# Forget footlocking



## Ekka (Aug 11, 2006)

The quality of this vid is a bit hopeless and I dont have the original tape anymore but you'll get the idea.

Around 2mins and 11mb in wmv

www.palmtreeservices.com.au/video/forgetfootlocking2.wmv


----------



## l2edneck (Aug 11, 2006)

*nice*


----------



## TackleTree (Aug 11, 2006)

thats what I'm talking about. Perfect for a big guy.(Fat) 


OSHA would love to see that! But i wont tell. SSSSHHHH!


----------



## Ekka (Aug 11, 2006)

I've been thinking about that and have an idea.

Attach the end of the climbing line to the pulling device (kanga) etc with a prussik on a link that'll break before the climbing line. Then there's no way to over load the system.

Equip the climber with a fox whistle so he can give alarm signals if req'd.

Install another large prussik on the tail of the climbing line before the redirect pulley at the base of the tree. That prussik to be attached to the tree. This is now a fail safe on the tail and also allows the kanga to get another grab if you run out of reversing room.

When all is said and done the climber is still very secure as we are only pulling on the tail. His normal set up still secures him independently of the system.

A final dynamometer reading on the sytem should reveal that there isn't any additional forces put on the system than a climber doing it themselves. This test could be done by attaching the dynamometer at the top where the cambium saver is.

The only argument left for OSH wankers is that the climber is not solely in control of the lift.

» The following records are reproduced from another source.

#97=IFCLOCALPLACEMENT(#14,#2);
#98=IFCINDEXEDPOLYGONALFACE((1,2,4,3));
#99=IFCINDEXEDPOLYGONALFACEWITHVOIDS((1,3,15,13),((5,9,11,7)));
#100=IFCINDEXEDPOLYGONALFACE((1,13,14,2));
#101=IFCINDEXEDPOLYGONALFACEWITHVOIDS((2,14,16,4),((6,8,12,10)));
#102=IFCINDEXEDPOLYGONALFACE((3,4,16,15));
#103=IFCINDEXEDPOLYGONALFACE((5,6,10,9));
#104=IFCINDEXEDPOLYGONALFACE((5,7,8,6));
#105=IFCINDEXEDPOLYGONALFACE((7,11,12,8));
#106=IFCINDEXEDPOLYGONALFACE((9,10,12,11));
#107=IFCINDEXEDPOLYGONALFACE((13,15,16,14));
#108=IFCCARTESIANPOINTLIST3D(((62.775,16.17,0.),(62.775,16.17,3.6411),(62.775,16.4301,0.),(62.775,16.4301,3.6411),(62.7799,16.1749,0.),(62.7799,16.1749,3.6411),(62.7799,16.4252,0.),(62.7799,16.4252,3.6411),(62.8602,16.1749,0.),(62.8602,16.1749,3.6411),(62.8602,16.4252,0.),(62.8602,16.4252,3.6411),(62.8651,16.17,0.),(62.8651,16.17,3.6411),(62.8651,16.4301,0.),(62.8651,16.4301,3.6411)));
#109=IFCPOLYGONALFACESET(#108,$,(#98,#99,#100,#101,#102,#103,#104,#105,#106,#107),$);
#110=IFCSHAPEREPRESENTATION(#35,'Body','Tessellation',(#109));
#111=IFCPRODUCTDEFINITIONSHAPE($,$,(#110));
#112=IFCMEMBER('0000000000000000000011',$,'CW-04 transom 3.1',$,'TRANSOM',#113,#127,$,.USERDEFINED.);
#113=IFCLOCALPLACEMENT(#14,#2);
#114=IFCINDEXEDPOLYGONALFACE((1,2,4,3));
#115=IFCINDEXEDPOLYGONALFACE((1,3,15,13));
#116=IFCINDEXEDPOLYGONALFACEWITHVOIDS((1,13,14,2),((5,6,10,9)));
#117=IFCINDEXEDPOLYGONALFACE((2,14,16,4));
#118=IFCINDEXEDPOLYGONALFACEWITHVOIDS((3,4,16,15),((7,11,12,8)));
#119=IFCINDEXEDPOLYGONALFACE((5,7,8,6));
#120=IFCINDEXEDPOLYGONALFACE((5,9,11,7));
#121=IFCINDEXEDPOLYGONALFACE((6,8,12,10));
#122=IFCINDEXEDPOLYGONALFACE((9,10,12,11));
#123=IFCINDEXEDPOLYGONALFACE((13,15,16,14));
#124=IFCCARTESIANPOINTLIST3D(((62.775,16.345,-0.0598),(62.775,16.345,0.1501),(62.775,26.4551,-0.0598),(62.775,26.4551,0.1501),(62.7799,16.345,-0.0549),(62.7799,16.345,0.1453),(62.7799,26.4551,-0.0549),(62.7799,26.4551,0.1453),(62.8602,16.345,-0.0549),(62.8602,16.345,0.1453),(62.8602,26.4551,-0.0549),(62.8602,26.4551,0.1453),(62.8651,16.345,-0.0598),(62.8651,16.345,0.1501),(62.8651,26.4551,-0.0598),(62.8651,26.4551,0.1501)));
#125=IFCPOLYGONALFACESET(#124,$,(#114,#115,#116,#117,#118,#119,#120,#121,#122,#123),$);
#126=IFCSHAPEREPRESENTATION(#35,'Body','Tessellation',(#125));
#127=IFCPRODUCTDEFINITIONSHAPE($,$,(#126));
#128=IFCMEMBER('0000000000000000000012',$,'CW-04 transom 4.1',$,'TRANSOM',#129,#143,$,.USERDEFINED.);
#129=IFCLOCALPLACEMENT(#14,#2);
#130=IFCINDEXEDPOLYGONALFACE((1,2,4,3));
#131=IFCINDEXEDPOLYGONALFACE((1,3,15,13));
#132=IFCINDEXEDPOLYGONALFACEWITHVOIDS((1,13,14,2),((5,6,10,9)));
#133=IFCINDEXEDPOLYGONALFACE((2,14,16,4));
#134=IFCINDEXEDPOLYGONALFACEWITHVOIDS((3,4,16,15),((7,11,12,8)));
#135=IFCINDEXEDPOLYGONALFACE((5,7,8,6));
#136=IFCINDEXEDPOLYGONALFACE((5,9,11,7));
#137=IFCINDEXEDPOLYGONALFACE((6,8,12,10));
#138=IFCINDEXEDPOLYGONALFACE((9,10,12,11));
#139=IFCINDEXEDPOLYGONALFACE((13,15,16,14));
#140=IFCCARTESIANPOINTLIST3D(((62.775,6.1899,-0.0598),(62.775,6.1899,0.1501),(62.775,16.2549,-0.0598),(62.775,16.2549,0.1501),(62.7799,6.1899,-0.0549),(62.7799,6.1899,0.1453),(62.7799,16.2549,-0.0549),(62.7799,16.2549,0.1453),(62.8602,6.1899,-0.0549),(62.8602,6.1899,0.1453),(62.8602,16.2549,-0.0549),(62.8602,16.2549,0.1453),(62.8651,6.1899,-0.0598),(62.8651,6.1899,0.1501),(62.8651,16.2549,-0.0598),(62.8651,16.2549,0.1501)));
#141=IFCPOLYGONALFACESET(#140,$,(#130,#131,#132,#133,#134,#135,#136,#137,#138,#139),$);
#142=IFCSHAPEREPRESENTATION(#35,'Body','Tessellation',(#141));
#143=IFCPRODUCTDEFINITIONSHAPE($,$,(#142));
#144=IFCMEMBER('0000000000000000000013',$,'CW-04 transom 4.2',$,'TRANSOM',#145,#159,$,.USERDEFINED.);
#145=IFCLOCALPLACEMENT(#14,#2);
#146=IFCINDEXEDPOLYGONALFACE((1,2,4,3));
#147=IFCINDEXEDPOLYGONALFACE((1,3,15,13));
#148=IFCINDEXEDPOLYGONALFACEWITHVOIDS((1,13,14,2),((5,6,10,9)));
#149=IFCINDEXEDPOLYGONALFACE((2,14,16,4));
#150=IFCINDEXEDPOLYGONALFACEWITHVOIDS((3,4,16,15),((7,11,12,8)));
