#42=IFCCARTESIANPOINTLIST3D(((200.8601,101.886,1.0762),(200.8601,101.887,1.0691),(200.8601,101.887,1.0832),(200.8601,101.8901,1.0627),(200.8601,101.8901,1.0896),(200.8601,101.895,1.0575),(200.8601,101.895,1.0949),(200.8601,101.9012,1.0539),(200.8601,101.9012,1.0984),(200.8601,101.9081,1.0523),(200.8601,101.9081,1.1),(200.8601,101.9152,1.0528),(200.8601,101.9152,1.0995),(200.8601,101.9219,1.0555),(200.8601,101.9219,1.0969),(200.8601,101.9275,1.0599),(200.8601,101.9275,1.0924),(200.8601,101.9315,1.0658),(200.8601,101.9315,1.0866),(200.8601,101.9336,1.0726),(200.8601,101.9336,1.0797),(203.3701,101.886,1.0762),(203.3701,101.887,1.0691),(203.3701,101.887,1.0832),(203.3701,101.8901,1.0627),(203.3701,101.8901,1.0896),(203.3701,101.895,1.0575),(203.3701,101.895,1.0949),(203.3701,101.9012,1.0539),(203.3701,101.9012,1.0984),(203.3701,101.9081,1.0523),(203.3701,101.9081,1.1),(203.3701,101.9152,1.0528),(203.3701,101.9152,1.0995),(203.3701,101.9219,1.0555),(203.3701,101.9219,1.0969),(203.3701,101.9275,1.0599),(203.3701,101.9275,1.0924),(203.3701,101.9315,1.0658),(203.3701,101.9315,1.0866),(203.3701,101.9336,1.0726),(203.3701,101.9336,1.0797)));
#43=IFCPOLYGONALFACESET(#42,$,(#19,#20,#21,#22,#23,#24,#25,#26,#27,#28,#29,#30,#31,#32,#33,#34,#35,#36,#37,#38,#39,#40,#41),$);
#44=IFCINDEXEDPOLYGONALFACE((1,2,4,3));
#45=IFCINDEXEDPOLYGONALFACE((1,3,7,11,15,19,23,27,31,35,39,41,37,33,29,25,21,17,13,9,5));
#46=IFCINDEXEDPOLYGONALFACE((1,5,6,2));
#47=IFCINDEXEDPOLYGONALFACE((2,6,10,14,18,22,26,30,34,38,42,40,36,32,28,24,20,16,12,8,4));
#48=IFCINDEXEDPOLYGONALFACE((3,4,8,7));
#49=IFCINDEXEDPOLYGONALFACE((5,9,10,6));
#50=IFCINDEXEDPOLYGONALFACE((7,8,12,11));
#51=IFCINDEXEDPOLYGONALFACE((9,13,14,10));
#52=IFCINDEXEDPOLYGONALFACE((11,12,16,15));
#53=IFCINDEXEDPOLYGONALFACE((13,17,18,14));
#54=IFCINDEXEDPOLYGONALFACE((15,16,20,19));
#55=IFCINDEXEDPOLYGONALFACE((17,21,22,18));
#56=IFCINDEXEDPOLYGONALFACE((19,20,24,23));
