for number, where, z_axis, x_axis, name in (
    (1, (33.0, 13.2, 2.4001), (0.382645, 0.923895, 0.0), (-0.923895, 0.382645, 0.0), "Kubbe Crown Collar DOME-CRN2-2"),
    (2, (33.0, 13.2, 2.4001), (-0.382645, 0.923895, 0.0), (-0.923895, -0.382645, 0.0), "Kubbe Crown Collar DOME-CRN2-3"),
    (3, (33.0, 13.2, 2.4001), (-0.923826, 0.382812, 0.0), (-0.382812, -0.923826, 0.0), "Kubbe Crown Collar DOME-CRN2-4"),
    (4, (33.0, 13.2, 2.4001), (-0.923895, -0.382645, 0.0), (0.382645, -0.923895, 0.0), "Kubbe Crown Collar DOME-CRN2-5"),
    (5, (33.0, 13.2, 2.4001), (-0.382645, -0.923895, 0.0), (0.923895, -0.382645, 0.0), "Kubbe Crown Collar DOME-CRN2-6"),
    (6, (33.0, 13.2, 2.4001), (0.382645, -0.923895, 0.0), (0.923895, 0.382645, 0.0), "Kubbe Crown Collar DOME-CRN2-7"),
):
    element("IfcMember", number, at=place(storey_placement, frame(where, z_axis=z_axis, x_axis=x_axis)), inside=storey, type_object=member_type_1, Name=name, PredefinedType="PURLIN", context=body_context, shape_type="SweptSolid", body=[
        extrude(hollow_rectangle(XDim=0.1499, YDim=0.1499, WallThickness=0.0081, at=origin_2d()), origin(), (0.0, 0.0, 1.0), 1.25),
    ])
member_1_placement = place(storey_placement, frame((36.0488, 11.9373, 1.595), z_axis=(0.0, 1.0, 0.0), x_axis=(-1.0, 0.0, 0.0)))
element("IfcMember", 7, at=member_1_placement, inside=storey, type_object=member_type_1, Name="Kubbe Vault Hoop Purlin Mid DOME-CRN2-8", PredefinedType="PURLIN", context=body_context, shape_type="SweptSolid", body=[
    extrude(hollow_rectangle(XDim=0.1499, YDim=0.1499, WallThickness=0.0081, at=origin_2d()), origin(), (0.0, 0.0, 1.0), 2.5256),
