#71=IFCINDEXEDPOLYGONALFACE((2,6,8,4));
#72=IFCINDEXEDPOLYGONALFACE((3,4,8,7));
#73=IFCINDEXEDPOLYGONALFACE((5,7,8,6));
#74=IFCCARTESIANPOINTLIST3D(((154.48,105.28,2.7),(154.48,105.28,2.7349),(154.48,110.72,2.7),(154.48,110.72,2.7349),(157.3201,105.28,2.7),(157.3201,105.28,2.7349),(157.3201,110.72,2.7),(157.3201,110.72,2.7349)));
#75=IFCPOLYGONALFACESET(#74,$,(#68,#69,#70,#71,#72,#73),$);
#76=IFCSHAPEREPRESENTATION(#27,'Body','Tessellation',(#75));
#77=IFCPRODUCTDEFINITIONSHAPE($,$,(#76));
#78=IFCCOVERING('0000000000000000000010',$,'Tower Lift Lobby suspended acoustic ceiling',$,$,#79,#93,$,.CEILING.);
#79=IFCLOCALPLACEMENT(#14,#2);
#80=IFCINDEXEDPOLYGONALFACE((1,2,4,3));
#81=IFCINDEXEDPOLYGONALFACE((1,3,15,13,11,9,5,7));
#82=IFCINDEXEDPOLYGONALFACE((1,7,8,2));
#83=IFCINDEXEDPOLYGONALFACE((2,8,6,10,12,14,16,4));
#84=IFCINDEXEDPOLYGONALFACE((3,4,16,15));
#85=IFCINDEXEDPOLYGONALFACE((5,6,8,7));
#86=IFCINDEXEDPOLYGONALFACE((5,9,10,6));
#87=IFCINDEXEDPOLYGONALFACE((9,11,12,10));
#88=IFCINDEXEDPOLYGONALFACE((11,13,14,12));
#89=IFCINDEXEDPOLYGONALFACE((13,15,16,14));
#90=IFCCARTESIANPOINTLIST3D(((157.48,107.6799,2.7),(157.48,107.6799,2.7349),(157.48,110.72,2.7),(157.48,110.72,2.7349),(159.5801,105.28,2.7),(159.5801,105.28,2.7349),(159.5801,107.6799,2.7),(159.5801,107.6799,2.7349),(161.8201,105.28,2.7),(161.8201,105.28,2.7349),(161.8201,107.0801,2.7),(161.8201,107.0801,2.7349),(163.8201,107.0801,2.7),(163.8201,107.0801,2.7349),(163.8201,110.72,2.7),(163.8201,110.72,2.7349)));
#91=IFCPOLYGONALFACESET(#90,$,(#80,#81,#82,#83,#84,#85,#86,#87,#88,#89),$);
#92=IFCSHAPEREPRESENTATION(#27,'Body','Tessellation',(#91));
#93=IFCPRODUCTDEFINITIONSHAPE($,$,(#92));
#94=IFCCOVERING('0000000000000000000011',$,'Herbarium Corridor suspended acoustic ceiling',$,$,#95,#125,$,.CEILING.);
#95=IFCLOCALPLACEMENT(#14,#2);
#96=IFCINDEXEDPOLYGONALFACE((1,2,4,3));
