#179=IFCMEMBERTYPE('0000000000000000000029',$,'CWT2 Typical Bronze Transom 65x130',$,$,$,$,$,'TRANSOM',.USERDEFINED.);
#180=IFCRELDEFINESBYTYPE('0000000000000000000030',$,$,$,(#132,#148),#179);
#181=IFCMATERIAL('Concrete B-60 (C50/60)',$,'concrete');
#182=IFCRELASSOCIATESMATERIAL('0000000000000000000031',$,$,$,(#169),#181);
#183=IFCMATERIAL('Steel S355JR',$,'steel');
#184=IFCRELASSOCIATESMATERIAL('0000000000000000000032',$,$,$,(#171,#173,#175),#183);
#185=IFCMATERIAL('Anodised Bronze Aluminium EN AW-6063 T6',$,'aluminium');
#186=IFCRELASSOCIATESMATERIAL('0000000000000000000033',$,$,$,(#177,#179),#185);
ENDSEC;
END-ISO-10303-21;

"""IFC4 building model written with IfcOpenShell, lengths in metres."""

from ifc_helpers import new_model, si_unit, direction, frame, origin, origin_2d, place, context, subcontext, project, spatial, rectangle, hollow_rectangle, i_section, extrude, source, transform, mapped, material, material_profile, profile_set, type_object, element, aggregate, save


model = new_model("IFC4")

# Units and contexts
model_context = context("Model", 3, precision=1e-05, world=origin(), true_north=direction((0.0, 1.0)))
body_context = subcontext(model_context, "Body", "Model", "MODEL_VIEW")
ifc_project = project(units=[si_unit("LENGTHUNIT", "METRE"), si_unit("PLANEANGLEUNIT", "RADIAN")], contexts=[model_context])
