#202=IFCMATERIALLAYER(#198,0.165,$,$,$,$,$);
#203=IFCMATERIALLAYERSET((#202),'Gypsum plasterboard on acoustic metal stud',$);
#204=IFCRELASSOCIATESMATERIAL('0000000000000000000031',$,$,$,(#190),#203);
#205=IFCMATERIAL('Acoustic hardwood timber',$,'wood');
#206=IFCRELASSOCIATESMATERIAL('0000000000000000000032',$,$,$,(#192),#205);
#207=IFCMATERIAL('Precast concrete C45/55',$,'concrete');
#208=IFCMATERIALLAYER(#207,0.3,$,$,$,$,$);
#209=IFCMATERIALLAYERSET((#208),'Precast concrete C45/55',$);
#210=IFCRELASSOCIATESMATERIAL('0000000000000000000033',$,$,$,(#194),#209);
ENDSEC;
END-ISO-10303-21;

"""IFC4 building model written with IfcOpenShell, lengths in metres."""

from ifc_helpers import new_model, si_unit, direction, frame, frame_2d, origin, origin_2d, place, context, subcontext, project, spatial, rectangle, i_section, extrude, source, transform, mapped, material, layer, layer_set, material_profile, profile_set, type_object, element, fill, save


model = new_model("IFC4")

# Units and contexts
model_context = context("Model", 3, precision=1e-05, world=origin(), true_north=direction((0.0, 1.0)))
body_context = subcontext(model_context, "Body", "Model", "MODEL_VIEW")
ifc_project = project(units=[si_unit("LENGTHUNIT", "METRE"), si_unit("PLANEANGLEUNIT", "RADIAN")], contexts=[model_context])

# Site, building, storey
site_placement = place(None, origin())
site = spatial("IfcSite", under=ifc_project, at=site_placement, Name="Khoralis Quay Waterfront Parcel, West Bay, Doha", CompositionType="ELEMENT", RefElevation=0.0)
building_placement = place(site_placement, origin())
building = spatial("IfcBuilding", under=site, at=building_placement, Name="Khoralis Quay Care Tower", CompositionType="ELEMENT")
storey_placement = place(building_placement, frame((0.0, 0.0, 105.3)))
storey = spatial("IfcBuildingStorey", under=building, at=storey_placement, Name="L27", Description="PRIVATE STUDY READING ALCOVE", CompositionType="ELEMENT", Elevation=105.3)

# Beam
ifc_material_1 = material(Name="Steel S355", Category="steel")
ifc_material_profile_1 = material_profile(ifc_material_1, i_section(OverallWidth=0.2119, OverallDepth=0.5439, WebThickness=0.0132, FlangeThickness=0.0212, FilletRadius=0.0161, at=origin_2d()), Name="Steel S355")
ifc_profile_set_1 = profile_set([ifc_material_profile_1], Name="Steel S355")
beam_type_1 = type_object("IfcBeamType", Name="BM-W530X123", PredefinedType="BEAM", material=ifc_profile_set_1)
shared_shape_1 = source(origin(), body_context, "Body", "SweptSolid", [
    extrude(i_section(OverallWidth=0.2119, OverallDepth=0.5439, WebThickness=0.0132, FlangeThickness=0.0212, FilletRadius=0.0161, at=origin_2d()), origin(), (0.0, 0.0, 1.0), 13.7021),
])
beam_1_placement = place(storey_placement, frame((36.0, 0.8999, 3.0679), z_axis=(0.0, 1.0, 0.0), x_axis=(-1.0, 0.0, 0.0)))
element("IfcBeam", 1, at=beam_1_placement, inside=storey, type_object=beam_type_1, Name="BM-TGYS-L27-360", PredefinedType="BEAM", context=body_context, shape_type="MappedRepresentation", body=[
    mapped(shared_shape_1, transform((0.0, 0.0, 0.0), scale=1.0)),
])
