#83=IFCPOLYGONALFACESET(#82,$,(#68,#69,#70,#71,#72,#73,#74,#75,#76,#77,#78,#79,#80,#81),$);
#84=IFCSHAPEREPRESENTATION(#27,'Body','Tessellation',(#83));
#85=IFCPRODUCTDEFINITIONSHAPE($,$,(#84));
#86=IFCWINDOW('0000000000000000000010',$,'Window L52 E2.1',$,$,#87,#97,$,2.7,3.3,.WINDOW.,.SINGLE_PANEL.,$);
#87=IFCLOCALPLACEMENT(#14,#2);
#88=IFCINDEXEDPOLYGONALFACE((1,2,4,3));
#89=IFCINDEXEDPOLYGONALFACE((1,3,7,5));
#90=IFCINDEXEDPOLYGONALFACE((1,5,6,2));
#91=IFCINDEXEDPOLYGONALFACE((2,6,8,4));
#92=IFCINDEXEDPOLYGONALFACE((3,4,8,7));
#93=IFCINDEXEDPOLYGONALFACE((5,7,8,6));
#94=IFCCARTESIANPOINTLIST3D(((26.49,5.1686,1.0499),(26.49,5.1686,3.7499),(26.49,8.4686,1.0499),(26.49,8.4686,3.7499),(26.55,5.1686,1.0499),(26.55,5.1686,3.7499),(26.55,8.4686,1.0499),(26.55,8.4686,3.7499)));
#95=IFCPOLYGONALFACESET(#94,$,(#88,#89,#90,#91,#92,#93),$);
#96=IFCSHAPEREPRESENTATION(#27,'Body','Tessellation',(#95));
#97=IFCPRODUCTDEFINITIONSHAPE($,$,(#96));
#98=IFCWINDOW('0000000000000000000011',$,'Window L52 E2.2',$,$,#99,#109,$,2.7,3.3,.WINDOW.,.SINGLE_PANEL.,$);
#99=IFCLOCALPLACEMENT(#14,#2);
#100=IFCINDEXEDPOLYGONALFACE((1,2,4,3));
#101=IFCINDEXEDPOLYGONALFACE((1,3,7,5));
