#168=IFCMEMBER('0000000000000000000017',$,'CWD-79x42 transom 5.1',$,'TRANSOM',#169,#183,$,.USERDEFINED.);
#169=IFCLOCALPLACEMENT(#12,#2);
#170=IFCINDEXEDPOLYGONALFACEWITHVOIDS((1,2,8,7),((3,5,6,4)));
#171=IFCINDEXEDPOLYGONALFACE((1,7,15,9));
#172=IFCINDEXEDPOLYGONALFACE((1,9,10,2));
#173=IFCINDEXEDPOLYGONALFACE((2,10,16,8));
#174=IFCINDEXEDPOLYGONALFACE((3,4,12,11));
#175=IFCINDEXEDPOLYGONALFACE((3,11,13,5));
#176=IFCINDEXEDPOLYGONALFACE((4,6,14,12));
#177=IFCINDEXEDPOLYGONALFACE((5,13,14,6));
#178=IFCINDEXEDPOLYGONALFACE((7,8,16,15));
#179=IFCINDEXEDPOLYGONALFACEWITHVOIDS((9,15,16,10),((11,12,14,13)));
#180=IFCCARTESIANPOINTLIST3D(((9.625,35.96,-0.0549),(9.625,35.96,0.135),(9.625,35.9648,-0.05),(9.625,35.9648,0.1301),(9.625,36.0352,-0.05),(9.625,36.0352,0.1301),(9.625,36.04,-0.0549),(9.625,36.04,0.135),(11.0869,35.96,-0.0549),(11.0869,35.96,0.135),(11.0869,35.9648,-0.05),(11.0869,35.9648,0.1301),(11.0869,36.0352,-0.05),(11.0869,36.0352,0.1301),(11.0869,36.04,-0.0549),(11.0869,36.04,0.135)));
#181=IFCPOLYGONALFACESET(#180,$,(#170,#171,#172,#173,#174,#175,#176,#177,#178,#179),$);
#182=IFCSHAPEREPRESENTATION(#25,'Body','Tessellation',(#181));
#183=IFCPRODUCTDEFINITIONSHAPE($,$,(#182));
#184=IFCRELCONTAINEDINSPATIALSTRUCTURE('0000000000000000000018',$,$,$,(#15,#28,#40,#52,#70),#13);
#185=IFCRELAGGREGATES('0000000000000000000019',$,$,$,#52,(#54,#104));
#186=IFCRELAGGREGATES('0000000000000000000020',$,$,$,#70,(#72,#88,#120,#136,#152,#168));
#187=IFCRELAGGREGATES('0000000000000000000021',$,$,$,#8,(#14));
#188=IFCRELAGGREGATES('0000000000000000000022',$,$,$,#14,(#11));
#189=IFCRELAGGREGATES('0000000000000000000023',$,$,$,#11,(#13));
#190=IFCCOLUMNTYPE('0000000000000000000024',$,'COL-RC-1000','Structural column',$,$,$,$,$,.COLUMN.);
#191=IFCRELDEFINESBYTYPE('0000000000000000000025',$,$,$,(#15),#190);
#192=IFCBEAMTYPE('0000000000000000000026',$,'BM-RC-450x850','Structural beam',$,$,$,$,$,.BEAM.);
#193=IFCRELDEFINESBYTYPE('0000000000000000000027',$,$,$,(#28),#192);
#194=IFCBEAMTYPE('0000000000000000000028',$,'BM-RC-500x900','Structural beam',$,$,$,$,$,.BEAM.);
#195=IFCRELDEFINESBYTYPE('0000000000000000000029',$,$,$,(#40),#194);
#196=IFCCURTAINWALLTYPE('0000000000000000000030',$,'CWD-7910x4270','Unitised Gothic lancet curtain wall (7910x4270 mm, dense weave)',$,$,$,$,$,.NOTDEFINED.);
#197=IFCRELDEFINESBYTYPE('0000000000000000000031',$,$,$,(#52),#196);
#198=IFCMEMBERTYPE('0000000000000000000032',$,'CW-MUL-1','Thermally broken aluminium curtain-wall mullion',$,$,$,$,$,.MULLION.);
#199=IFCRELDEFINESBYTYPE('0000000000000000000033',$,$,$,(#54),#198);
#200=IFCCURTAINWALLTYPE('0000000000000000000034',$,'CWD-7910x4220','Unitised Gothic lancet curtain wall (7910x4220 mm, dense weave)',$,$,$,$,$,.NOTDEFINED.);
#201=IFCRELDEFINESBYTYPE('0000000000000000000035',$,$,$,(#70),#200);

Well, neither are they on cranes! A system of communication and alarms is implemented.

If at the base we had a remote control winch etc then it would be fine as the climber could control it.

Imagine you have to go up 100' .... who would be the fresher and less exhausted worker up there, the climber/footlocker or the elevator rider?


----------



## clearance (Aug 11, 2006)

Imagine if you have to go up 100', I do it all the time, and higher, it ain't no big thing. I only have dailup, but I'm guessing its some kind of cheating device 'cause spurless climbing is harder than most here like to admit. Am I right?


----------



## Kneejerk Bombas (Aug 11, 2006)

I bet he pulled himself up with a truck.


----------



## 1CallLandscape (Aug 11, 2006)

cool, easy and keeps you fresh for cutting...i still would prefer to spike it if it were a removal though ( personal preference) are those gum trees in the vid??? 

-mike


----------



## Stumper (Aug 11, 2006)

Naw. A Mini-skidsteer


----------



## Ekka (Aug 12, 2006)

Yeah they were gum trees, and yeah if it was a removal you'd spike it.


----------



## TackleTree (Aug 12, 2006)

yeah you would have to secure the climber/rider if the tail end on the kanga would fail.


----------